Thank you for your reply. But why can you assume that by mutliplying the restframe spinor by $$\frac{1}{\sqrt{2m(E+m)}}$$ gives you a spinor w(p) with arbitrary p?

 

[samalkhaiat]

you assume that by mutliplying the restframe spinor by $$\frac{1}{\sqrt{2m(E+m)}}$$ gives you a spinor w(p) with arbitrary p?

No, I did not assume such thing because it is not correct: Multiplying $u_{\alpha}(m,\vec{0})$ by a constant does not turn it into a spinor $w(p)$ with arbitrary $p$, because $\psi$ and $c\psi$ represent the same spinor. Okay, let me repeat what I did, and please pay attention to my logic.

I said: let $w(p)$ be any (completely arbitrary) 4-component spinor. This statement means that we are free to choose $w(p)$ to be any spinor we like.

Then, I used the dispersion relation and concluded that $$u(p) = (p\!\!\!/ + m) w(p) , \ \ \ \ \ \ \ \ \ \ \ (1)$$ solves the Dirac’s equation $(p\!\!\!/ - m)u(p) = 0$ . Now, because $w$ (in Eq(1)) is arbitrary, we can choose it to be the rest-frame spinor $u_{\beta}(m,\vec{0}) = \begin{pmatrix} \chi_{\beta} \\ 0 \end{pmatrix}$. After all, at this time, $u_{\beta}(m,\vec{0})$ is the only spinor we have in our pocket.
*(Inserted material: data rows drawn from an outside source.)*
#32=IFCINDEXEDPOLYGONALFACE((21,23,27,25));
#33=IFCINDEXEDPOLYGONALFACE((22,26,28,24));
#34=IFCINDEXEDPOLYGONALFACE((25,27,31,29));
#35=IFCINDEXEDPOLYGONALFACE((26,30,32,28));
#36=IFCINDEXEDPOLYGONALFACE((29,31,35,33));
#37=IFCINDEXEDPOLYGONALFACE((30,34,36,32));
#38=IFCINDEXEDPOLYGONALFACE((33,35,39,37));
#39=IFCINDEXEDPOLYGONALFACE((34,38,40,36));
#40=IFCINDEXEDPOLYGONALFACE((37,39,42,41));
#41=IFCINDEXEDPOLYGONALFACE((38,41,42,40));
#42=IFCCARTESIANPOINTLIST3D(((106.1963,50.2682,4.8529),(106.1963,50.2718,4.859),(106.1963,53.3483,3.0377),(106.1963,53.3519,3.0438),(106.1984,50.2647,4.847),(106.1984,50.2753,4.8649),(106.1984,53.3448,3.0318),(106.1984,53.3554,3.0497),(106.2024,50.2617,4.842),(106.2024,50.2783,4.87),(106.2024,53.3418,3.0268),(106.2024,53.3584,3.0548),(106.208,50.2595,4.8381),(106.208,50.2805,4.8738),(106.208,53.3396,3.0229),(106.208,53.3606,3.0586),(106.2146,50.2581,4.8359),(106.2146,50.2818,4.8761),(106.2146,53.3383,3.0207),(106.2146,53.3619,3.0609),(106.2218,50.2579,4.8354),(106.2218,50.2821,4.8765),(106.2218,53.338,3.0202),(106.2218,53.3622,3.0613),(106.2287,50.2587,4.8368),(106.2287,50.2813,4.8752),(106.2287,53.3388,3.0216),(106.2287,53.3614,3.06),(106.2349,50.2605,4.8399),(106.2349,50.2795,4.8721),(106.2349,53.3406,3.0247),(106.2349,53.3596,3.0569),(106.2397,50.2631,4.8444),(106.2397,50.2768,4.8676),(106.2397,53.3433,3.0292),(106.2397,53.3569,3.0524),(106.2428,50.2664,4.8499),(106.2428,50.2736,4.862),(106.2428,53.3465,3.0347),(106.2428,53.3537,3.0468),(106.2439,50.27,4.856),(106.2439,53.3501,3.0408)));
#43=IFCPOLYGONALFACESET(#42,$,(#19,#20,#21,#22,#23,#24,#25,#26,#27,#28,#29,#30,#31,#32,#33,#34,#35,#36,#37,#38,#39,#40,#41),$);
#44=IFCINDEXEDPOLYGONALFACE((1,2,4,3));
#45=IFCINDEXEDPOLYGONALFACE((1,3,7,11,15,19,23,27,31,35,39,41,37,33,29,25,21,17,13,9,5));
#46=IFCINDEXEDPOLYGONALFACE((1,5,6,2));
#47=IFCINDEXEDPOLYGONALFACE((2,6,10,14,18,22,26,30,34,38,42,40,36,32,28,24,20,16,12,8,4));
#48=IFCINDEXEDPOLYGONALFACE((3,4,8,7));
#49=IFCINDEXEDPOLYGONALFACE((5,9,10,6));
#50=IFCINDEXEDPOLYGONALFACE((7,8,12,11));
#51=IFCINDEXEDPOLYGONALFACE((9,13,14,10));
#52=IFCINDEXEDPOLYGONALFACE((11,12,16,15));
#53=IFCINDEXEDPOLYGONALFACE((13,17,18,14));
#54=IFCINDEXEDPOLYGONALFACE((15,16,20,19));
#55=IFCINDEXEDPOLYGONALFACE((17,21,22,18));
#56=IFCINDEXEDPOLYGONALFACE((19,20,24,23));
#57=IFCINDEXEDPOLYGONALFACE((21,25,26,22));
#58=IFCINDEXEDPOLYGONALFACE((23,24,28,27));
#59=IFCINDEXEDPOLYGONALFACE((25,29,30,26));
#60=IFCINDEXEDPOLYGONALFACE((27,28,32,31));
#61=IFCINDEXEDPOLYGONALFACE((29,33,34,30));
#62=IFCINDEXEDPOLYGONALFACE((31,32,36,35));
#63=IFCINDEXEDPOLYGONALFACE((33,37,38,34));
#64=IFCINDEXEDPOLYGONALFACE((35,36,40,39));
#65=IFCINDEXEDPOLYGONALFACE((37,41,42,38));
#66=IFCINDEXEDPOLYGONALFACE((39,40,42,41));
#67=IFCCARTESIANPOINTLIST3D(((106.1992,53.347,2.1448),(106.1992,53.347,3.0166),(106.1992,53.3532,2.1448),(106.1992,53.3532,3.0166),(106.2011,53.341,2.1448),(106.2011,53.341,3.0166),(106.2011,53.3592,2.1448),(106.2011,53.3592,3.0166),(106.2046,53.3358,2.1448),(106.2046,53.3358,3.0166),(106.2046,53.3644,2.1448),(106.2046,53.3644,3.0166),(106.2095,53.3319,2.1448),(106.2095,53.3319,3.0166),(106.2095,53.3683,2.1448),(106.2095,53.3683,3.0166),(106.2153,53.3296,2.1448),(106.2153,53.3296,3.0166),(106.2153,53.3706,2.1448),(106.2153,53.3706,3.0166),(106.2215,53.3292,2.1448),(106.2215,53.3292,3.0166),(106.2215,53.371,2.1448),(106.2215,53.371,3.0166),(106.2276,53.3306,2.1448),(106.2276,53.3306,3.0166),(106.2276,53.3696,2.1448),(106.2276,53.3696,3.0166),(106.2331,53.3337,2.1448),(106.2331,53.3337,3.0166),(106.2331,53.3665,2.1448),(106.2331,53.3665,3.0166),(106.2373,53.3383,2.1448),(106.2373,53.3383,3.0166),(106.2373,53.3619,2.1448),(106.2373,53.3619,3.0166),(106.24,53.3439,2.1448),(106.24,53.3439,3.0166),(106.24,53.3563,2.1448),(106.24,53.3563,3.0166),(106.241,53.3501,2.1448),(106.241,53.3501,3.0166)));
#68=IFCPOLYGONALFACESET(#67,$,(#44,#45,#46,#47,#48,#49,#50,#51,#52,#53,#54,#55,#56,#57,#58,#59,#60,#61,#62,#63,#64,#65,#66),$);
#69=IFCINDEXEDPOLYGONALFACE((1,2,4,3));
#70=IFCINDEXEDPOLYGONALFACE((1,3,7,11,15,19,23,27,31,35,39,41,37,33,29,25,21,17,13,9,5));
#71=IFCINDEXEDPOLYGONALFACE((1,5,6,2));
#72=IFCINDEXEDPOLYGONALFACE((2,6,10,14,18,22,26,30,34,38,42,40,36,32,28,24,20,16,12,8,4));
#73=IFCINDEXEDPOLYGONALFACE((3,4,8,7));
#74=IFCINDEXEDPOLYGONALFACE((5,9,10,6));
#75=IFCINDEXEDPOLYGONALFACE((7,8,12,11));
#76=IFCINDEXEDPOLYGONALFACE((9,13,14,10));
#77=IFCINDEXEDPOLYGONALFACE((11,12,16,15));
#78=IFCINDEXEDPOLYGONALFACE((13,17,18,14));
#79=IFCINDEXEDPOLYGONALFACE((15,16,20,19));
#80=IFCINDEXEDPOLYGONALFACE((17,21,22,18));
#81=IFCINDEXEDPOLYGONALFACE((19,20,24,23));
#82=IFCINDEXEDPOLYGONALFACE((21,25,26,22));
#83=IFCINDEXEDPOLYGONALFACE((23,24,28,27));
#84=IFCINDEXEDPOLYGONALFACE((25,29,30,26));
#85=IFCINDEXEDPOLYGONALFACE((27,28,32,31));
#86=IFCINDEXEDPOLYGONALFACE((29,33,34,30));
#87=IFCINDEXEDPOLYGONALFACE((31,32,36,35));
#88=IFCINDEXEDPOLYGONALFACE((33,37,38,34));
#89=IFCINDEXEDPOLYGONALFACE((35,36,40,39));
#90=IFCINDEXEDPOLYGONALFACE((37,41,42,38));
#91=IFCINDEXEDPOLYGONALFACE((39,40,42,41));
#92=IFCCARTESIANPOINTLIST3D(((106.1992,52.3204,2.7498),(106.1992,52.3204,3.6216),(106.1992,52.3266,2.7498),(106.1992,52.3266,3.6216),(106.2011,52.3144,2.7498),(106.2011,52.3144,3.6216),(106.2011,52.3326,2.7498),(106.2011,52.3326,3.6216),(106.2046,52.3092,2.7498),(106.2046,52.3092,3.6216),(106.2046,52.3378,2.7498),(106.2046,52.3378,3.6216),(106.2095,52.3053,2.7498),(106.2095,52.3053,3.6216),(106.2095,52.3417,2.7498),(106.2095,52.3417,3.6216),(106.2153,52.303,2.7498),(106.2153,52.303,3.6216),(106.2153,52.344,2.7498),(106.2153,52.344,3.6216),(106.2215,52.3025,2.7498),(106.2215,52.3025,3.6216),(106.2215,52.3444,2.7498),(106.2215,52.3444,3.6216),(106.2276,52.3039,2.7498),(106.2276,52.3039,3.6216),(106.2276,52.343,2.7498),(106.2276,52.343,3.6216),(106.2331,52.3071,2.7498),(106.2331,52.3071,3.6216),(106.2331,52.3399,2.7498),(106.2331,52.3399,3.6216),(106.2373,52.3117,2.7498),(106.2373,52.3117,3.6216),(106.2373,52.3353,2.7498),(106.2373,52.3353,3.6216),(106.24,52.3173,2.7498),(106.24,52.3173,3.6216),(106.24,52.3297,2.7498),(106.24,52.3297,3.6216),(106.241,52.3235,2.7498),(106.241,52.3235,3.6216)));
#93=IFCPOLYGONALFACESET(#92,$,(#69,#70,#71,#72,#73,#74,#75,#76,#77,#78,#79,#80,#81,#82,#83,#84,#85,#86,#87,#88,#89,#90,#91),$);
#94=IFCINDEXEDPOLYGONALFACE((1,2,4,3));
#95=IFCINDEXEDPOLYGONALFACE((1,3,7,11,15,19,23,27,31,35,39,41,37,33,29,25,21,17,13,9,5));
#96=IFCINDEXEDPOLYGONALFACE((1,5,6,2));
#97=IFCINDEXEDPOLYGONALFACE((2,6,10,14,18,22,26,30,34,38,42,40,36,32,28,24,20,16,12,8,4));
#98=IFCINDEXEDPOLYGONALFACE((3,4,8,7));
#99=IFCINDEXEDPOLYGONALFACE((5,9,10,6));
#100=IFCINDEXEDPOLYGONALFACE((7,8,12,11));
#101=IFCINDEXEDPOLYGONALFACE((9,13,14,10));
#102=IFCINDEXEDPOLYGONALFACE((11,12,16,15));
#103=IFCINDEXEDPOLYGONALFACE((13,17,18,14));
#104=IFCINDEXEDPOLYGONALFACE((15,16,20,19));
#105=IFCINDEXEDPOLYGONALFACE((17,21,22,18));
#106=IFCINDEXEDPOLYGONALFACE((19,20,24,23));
So in Eq(1), instead of $w(p)$, I substituted the rest-frame spinor $N u_{\beta}(m,\vec{0})$ and obtained the solutions $$u_{\beta}(p) = N \begin{pmatrix} (E + m)\chi_{\beta} \\ (\vec{p} \cdot \vec{\sigma}) \chi_{\beta} \end{pmatrix} . \ \ \ \ \ (2)$$

Now in Eq(2), the 4-momentum $p$ does not have to be the rest-frame 4-momentum $(m , \vec{0})$, and $N$ is some constant that we can choose to make our equations look nice. For example, if we insist on the normalization $\bar{u}_{\alpha}(p) u_{\beta}(p) = \delta_{\alpha \beta}$, we find (and I leave you to prove it) that $$N = \frac{e^{i\eta}}{\sqrt{2m(E+m)}} .$$

 

[klabautermann]

I am perfectly aware of what the word 'arbitrary' means und what a normalization constant is. Anyway, thanks for your time.